As “Teach Your Children” is replaced by Marilyn Manson’s “Deep Six,” I zip past what remains of the Walmart entrance, now a heavily barricaded, steel-enforced complex cloistered with cars and caravans of people in surgical masks and handkerchiefs. Some of them are zigzagging between mini-vans with shopping carts overflowing with paper towels and charcoal briquettes, their body language as screwed as their eyes.

I think of the lyrics still lingering from Crosby, Stills, Nash & Young’s classic tune and I wonder what these people will tell their children when they recount this bugfuck period in our history. Will they mention the woman who sunk her teeth into an elderly man before kicking the dick out of him for 24 rolls of toilet paper? or the man who murdered a dude for the same?

Probably they’ll omit the fact that every American could have had a roll of shit paper just based on what Walmart sold to a select number of people in one 5-day period.

No doubt there are a lot of details we won’t bother to rehash, if for no other reason than they demonstrate something we aren’t ready to admit.

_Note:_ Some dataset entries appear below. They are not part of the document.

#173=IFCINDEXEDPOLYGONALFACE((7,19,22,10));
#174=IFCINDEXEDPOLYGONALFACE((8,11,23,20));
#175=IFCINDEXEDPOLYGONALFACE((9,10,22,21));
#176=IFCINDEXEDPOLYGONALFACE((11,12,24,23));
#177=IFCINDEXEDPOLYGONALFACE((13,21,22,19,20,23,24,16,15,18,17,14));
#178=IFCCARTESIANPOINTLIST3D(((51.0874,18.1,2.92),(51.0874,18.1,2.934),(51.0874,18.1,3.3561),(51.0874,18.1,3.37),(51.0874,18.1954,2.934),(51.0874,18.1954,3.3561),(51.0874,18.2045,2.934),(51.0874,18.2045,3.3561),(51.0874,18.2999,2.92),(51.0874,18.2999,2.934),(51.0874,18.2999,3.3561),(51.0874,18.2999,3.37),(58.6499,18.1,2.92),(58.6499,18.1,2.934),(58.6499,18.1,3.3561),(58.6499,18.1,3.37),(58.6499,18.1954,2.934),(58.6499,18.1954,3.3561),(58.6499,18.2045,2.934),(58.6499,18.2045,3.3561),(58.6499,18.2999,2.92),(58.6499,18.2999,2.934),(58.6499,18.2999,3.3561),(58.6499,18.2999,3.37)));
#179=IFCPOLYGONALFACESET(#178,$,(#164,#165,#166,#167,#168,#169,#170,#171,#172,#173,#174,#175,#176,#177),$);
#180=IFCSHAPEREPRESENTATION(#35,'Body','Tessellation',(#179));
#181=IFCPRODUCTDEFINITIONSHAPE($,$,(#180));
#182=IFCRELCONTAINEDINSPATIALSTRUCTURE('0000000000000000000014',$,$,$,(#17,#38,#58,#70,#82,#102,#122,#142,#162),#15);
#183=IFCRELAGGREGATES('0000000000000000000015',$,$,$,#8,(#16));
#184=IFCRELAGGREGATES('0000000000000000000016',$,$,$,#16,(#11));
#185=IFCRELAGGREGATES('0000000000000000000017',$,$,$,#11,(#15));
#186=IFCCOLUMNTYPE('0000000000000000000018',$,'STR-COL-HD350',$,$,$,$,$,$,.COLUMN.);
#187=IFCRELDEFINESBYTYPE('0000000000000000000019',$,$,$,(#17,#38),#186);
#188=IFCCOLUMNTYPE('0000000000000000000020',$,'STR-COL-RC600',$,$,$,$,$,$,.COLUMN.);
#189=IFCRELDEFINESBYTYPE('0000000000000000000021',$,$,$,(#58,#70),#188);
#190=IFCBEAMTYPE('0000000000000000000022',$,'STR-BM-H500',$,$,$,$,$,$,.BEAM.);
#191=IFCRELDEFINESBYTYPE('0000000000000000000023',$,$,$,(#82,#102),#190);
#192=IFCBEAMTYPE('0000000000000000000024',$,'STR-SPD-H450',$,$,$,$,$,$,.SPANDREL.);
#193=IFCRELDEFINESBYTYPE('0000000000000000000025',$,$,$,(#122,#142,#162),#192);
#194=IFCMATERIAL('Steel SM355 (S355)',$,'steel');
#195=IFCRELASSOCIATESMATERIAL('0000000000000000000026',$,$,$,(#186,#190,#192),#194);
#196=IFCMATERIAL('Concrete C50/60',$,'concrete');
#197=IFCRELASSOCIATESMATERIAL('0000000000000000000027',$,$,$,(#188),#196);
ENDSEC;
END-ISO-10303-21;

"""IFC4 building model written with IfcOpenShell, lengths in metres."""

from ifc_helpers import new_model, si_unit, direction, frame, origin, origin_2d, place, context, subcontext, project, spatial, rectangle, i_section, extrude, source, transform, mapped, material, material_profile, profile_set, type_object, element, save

It’s a bizarre world, and we are bizarre people.

It’s been almost 50 days since Governor Cuomo signed the PAUSE Act in New York State and guys in big rigs still pull up to 7-Elevens without masks or gloves, smirking at their masked counterparts as they hustle their balls and sidle up to the counter to buy lottery tickets and cans of Skoal.

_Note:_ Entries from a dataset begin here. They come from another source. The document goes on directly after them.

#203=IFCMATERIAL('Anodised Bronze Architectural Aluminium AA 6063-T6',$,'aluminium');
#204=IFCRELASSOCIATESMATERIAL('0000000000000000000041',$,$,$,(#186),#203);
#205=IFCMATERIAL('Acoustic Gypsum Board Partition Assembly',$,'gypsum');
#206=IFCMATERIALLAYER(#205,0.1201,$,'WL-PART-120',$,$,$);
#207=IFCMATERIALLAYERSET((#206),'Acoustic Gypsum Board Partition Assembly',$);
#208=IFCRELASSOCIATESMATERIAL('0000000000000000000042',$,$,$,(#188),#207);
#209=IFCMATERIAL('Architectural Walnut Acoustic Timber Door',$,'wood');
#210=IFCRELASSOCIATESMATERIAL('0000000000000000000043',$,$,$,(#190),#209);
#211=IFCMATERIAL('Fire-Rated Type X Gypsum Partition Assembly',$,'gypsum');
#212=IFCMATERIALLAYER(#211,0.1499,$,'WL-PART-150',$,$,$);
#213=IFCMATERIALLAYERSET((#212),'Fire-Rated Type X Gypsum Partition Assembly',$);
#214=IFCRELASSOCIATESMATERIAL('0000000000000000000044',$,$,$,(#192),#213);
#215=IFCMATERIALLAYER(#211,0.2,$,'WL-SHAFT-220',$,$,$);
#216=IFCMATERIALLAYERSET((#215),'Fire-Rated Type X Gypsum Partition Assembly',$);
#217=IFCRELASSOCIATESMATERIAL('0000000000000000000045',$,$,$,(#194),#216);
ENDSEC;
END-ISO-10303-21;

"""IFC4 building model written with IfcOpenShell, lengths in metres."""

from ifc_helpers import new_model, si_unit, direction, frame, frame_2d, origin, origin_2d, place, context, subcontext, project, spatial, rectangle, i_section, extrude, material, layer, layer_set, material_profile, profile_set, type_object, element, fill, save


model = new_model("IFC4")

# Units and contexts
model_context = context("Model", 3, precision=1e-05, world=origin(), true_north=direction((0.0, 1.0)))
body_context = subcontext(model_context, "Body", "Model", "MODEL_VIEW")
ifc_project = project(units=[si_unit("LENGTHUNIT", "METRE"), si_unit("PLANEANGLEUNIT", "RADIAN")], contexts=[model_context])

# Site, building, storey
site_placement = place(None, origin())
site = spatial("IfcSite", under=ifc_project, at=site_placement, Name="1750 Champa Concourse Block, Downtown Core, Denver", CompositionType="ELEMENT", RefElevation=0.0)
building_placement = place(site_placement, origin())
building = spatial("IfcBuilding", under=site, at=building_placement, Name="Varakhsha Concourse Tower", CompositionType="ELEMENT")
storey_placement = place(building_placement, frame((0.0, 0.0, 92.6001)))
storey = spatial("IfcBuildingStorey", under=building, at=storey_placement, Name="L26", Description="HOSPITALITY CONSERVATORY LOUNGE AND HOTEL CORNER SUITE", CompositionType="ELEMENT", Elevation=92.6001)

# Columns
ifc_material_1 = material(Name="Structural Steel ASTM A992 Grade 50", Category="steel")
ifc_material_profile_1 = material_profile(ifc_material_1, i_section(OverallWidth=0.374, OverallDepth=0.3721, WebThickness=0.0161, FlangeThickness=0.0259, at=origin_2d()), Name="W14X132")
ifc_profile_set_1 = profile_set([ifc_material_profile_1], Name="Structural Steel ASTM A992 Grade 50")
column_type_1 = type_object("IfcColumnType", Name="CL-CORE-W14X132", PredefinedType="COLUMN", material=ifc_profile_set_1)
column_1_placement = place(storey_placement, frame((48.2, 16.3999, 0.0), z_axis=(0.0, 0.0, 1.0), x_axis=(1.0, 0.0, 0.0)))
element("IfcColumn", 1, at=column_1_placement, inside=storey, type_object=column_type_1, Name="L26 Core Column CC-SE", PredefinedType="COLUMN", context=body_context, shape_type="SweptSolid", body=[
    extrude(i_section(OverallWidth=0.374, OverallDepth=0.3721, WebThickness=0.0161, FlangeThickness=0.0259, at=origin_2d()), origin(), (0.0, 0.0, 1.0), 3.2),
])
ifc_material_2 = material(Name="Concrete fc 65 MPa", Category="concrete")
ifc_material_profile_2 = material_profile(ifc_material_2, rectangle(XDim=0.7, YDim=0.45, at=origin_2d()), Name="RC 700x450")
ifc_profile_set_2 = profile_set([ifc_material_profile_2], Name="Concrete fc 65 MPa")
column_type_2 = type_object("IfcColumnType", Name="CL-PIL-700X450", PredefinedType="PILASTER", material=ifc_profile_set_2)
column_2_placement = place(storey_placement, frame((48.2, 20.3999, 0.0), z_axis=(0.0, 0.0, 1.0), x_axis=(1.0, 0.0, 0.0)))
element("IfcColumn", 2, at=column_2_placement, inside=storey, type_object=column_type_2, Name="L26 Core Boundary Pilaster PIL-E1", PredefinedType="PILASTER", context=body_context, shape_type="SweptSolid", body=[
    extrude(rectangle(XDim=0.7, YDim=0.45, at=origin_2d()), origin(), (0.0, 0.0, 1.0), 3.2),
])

Some persist in believing that 5G is responsible for the novel coronavirus … despite living more than 200 miles from a 5G tower. Many insist that this is all a “libtard” hoax to control the masses while other people are robbed of closure when a loved one succumbs to the illness and they are forbidden from attending funeral services. The victims of this thing are dumped into the ground like snitches in ditches, denied a proper burial. And this isn’t even the weirdest shit we’ve seen.

A 32-year old mother of two drinks splooge smoothies containing her boyfriend’s jizz because she thinks it is fortifying her immune system against COVID-19. Aaaaand this just in: Coronavirus traces have been found in the spunk of survivors who were “severely infected.” This does not bode well for Baby Batter Betty of Aylesbury.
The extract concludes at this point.